The insurers argued that in this instance the inherent vice was the oil rig’s internal risk of deterioration; and that such risk eventuated and was the proximate cause of the ultimate failure of the oil rig’s legs because the goods were simply not capable of withstanding the normal incidents of the insured voyage, including the weather reasonably to be expected.  In support of that proposition, the insurers relied upon numerous authorities including Donaldson LJ’s decision in the Court below in Soya and Moore Bick J’s decision regarding the shipment of a transformer in Mayban General Insurance v Alstom Power Plants Ltd [2004] 2 Lloyd’s Rep 609 (‘Mayban’).

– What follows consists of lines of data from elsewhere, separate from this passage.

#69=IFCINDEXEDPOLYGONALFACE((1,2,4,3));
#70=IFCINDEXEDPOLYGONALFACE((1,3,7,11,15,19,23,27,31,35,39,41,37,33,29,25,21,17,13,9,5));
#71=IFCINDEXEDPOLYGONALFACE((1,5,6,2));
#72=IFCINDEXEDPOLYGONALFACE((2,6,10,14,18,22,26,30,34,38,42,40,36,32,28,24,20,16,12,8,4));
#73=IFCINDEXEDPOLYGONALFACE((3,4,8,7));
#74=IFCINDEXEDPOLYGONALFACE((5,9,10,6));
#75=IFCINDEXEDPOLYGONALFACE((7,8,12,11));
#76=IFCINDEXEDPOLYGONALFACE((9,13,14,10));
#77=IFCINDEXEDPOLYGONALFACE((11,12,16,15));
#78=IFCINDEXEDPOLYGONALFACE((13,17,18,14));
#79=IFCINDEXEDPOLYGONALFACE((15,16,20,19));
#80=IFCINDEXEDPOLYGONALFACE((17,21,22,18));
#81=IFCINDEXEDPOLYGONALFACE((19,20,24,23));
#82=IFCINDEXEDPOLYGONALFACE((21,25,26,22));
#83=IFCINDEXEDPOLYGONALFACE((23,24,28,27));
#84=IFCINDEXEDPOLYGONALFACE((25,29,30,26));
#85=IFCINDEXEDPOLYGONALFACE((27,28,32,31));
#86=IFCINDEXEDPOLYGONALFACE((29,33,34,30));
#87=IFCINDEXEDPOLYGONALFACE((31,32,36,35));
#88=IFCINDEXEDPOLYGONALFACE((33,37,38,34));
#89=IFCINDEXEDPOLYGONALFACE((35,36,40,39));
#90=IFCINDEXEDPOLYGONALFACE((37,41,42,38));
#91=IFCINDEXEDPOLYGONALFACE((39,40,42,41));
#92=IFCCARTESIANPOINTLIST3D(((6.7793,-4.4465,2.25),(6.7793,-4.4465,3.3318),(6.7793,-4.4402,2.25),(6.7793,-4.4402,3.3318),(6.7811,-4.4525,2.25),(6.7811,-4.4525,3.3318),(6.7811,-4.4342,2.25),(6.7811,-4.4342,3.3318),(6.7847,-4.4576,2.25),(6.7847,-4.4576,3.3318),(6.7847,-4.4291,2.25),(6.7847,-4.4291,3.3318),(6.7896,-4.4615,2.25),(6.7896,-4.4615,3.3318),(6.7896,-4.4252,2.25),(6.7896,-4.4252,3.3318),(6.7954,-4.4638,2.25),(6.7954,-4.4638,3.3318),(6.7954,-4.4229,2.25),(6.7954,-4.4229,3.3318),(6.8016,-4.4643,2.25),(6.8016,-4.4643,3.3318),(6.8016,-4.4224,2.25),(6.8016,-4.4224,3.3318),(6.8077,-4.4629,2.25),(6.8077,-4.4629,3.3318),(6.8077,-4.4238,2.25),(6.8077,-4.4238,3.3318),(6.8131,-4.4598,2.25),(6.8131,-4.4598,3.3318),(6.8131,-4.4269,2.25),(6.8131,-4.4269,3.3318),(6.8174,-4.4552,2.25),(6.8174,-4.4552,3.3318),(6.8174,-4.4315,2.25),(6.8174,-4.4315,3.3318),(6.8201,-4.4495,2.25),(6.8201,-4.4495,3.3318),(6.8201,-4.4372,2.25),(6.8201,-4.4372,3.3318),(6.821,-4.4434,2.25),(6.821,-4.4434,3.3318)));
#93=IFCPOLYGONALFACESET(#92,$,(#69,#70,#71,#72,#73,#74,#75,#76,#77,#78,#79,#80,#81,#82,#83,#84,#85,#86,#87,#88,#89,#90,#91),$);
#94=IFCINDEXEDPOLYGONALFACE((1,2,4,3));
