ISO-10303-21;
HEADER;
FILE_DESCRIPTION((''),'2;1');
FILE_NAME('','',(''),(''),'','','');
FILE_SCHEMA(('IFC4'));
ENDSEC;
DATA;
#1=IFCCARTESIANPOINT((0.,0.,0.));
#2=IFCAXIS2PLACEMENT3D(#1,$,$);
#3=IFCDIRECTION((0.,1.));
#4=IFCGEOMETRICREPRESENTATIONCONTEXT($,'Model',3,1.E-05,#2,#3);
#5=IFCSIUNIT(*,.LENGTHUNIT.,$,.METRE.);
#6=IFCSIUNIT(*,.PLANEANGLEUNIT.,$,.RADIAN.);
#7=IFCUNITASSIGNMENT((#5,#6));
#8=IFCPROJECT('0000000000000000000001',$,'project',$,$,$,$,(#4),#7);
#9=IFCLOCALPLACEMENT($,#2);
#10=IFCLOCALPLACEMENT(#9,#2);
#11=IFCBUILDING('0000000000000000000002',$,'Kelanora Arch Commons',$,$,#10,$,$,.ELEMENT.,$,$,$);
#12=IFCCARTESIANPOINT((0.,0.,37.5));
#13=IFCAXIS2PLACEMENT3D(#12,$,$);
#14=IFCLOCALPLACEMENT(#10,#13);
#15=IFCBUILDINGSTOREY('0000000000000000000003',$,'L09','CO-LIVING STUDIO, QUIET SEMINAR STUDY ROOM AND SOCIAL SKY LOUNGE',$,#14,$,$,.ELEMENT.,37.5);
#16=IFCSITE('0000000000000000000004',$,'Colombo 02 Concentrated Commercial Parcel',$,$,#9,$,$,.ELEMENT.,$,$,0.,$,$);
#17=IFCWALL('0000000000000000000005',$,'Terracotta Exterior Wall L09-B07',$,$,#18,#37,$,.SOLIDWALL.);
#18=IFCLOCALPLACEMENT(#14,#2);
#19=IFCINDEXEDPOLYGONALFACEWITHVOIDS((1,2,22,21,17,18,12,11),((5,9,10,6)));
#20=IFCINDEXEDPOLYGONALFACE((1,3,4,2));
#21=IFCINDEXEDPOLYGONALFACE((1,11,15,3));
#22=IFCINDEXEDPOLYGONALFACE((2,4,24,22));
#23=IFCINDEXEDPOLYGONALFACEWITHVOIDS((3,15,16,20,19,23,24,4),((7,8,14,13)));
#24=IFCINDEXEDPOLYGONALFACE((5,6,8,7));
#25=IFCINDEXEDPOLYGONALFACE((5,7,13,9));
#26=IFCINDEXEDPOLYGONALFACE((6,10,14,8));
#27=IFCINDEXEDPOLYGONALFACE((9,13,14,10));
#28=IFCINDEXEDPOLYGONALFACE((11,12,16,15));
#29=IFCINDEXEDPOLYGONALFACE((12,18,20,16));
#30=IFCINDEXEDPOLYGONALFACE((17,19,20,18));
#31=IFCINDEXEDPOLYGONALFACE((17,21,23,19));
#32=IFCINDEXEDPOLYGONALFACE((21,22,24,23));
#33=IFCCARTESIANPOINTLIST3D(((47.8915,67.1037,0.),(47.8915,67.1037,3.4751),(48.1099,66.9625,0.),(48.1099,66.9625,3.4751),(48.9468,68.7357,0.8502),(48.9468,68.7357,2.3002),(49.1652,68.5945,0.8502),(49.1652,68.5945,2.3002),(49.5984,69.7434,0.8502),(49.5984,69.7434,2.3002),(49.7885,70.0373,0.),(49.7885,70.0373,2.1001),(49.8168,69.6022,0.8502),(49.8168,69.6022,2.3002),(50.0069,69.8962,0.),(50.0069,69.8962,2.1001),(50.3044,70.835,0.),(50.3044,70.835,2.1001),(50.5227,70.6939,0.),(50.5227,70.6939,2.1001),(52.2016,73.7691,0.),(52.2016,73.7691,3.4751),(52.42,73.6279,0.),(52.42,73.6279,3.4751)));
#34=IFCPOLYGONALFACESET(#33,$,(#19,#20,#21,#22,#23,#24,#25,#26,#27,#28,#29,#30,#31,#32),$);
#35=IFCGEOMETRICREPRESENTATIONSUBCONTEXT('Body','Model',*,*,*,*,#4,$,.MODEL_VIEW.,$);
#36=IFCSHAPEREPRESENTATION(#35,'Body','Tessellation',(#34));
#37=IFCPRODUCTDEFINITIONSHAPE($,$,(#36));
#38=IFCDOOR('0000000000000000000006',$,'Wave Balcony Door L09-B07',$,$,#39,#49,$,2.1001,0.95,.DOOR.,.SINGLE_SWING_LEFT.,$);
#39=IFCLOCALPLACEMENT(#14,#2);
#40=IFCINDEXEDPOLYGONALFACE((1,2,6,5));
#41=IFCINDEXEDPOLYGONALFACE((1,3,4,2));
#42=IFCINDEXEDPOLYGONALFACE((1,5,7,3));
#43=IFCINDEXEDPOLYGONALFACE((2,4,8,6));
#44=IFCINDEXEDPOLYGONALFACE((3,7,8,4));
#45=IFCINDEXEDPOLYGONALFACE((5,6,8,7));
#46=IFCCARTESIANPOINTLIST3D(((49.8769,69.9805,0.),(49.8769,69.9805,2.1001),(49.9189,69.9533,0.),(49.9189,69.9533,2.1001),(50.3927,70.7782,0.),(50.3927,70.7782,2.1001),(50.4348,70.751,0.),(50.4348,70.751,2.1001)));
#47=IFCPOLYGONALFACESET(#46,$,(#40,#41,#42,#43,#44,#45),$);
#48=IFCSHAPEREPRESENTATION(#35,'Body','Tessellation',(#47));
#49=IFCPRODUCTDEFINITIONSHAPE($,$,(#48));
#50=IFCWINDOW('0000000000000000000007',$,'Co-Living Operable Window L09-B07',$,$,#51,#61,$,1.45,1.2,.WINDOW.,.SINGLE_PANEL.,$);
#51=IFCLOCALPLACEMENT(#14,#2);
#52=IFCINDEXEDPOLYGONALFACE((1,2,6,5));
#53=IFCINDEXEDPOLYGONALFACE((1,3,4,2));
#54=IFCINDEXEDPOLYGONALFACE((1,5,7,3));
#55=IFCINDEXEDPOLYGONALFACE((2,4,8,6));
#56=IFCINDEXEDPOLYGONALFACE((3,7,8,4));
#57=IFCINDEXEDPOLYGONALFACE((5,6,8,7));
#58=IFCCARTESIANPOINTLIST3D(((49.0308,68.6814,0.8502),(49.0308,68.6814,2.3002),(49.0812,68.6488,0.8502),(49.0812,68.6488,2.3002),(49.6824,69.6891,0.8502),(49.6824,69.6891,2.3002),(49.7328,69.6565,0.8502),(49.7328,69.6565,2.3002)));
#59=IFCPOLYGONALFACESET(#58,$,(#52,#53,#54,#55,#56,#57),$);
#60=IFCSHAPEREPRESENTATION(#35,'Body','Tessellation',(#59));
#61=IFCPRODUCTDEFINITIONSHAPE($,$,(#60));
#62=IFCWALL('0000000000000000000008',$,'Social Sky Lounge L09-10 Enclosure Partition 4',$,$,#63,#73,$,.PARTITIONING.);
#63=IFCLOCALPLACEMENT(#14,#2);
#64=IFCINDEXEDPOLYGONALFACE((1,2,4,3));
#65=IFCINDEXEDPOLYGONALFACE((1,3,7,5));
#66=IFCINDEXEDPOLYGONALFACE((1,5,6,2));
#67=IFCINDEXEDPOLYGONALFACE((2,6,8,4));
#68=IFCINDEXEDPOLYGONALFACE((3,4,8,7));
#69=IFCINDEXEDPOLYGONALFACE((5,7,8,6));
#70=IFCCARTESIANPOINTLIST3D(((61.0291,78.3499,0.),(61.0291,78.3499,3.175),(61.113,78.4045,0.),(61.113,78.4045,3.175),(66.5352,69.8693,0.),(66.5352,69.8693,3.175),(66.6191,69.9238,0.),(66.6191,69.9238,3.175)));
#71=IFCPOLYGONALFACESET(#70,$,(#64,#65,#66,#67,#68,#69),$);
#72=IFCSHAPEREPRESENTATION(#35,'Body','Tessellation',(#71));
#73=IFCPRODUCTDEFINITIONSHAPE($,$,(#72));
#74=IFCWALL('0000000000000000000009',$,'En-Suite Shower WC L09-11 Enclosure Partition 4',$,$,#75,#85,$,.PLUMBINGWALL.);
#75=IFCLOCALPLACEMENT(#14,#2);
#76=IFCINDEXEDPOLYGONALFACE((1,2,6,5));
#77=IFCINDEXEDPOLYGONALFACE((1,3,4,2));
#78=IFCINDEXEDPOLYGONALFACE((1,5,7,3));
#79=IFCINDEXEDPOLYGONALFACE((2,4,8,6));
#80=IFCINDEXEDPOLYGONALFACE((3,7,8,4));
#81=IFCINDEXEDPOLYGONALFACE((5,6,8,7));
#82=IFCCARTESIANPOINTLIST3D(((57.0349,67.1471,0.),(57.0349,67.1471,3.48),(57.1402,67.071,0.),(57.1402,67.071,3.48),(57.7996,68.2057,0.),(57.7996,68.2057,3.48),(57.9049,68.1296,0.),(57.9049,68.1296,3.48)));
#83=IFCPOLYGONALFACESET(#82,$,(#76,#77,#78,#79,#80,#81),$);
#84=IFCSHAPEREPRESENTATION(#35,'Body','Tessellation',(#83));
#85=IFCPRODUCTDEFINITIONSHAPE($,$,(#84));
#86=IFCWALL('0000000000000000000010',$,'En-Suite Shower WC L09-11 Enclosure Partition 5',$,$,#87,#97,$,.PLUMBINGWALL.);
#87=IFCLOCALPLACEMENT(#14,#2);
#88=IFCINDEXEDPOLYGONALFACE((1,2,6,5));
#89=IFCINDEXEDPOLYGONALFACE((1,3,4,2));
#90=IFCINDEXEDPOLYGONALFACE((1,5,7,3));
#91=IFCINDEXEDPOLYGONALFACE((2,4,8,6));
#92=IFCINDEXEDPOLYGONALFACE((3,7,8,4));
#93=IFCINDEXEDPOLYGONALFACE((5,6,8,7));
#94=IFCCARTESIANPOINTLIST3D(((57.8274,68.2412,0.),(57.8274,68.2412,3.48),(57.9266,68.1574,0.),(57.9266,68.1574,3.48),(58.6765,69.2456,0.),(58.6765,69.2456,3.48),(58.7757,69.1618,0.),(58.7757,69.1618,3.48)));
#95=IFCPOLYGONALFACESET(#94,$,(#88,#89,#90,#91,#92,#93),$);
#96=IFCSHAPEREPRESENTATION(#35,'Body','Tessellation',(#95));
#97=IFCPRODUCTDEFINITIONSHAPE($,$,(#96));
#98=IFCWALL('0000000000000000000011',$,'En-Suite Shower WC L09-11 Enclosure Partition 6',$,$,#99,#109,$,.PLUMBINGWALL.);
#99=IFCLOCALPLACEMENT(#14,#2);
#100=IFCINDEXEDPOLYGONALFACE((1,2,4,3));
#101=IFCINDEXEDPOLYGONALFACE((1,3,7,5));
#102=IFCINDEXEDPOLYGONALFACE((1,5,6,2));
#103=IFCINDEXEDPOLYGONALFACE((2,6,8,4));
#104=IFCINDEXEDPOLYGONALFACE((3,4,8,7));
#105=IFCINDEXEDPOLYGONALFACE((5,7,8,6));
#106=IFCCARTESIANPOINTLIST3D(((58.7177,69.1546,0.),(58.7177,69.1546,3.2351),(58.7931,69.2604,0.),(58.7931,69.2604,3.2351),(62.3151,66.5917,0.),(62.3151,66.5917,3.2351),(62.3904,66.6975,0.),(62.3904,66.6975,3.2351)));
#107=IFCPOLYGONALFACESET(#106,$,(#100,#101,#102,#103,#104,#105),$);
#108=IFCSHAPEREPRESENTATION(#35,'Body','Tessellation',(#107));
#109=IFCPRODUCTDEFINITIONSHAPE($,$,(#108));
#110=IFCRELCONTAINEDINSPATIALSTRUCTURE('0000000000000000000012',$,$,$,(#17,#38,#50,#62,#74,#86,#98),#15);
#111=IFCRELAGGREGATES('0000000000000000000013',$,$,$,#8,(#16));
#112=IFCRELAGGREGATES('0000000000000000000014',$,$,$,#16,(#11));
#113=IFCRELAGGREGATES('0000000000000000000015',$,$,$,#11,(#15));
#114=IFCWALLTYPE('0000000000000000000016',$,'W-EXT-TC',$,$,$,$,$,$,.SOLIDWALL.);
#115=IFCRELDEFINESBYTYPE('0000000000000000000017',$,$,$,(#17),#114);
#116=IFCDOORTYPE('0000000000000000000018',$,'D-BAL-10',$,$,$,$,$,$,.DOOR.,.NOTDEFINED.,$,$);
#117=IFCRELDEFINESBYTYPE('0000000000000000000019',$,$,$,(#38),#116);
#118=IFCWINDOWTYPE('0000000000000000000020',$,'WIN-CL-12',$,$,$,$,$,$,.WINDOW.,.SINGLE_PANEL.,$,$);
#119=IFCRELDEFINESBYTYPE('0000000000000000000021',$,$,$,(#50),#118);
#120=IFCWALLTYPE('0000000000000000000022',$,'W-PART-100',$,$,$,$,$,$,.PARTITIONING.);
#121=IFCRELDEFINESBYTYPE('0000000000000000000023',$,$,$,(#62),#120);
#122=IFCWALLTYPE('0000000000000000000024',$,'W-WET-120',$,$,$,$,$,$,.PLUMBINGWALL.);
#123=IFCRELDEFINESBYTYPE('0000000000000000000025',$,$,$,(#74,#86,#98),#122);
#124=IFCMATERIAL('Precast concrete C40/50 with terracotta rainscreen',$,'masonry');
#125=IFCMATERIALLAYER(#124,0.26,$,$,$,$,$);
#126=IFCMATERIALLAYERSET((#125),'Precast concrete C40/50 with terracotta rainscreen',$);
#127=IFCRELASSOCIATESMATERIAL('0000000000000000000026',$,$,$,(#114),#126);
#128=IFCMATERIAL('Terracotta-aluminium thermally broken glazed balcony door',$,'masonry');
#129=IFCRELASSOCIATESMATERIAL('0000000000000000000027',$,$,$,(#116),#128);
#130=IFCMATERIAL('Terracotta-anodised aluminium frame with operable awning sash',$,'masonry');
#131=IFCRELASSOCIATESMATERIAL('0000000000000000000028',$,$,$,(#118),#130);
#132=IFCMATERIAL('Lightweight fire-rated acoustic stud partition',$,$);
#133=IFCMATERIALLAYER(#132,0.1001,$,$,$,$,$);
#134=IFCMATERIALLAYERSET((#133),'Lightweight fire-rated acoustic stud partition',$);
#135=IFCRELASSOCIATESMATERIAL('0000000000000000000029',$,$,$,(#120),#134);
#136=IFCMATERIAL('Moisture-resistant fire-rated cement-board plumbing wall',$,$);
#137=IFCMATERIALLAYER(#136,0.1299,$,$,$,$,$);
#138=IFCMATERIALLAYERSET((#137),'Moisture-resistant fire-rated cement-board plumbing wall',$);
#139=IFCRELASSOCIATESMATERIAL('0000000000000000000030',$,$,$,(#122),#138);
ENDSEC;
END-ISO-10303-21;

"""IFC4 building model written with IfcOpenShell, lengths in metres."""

from ifc_helpers import new_model, si_unit, direction, frame, frame_2d, origin, place, context, subcontext, project, spatial, rectangle, extrude, material, layer, layer_set, type_object, element, fill, save


model = new_model("IFC4")

# Units and contexts
model_context = context("Model", 3, precision=1e-05, world=origin(), true_north=direction((0.0, 1.0)))
body_context = subcontext(model_context, "Body", "Model", "MODEL_VIEW")
ifc_project = project(units=[si_unit("LENGTHUNIT", "METRE"), si_unit("PLANEANGLEUNIT", "RADIAN")], contexts=[model_context])

# Site, building, storey
site_placement = place(None, origin())
site = spatial("IfcSite", under=ifc_project, at=site_placement, Name="Colombo 02 Concentrated Commercial Parcel", CompositionType="ELEMENT", RefElevation=0.0)
building_placement = place(site_placement, origin())
building = spatial("IfcBuilding", under=site, at=building_placement, Name="Kelanora Arch Commons", CompositionType="ELEMENT")
storey_placement = place(building_placement, frame((0.0, 0.0, 37.5)))
storey = spatial("IfcBuildingStorey", under=building, at=storey_placement, Name="L09", Description="CO-LIVING STUDIO, QUIET SEMINAR STUDY ROOM AND SOCIAL SKY LOUNGE", CompositionType="ELEMENT", Elevation=37.5)

# Shared definitions
ifc_material_1 = material(Name="Precast concrete C40/50 with terracotta rainscreen", Category="masonry")
ifc_layer_1 = layer(ifc_material_1, 0.26)
ifc_layer_set_1 = layer_set([ifc_layer_1], Name="Precast concrete C40/50 with terracotta rainscreen")
wall_type_1 = type_object("IfcWallType", Name="W-EXT-TC", PredefinedType="SOLIDWALL", material=ifc_layer_set_1)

The Supreme Court in separate judgments unanimously rejected the insurers’ submission.  Lord Saville pithily illustrated his criticism of such an analysis (at [27]):

‘There is nothing to suggest that Lord Diplock was in agreement with the definition of inherent vice suggested by Donaldson LJ, namely that a loss is proximately caused by inherent vice if the natural behaviour of the goods is such that they suffer a loss in circumstances in which they are expected to be carried. Such a definition pays scant regard as to how and in what circumstances the loss occurred.’

In fact the trial judge had found that, whilst the failure of the rig’s legs was very probable, it was not inevitable, and required a ‘leg breaking’ or ‘final straw’ stress.  According to one of the experts at trial, a particular wave had to catch the leg ‘just right’ if the leg was to fail all the way around.

As noted, the weather itself was not extraordinary and was within reasonable contemplation.  The term ‘perils of the sea’ in the MIA refers ‘only to fortuitous accidents or casualties of the seas’ and specifically does not include ‘the ordinary action of the wind and waves’.[1]  Nonetheless the Supreme Court rejected the trial judge’s reasoning by implication that, because the weather was not extraordinary the proximate cause of the loss must have been an inherent vice of the cargo.  In so doing, the Supreme Court unanimously rejected Moore Bick J’s decision in Mayban.

None of the Court suggested that the inherent vice exclusion can apply only where the nature of the cargo is such that the loss is inevitable.[2] Rather, because there had been a fortuitous action of a particular wave bringing about the incident, the Supreme Court was able to conclude unanimously that the proximate cause of the loss was a peril of the sea.

Further, because there is no exception for the unseaworthiness of cargo under the Institute Cargo Clauses or the MIA, the ‘inherent vice’ exception should be not be given an interpretation which broadly would exclude an insurer’s liability for cargo that was unable to withstand weather that was within reasonable contemplation for the voyage.

Comment                    

The case is consistent with Australian High Court authority and in particular Skandia Insurance Co Ltd v Skoljarev (1979) 42 CLR 375 insofar as the UK Supreme Court has confirmed that there is no need for there to be an extraordinary fortuity for the proximate cause of a loss to be attributable to a peril of the sea.  However, unlike the situation in Skandia, the Court was careful to articulate precisely how the loss occurred.  The case may have been decided differently absent positive evidence of a fortuity.

Insurers wishing to rely on the inherent vice exclusion should be mindful to ensure that there is an absence of any fortuity causing loss or deterioration to the cargo, and should ensure they have evidence focusing on the inherent nature of the cargo causing its deterioration.

[1] See the rules for construction contained in the Second Schedule to the MIA.[2] Such a finding would be inconsistent with the Court of Appeal’s decision in Soya [1982] 1 Lloyd’s Rep 136, and also in TM Noten BV v Harding [1990] 2 Lloyds Rep 283.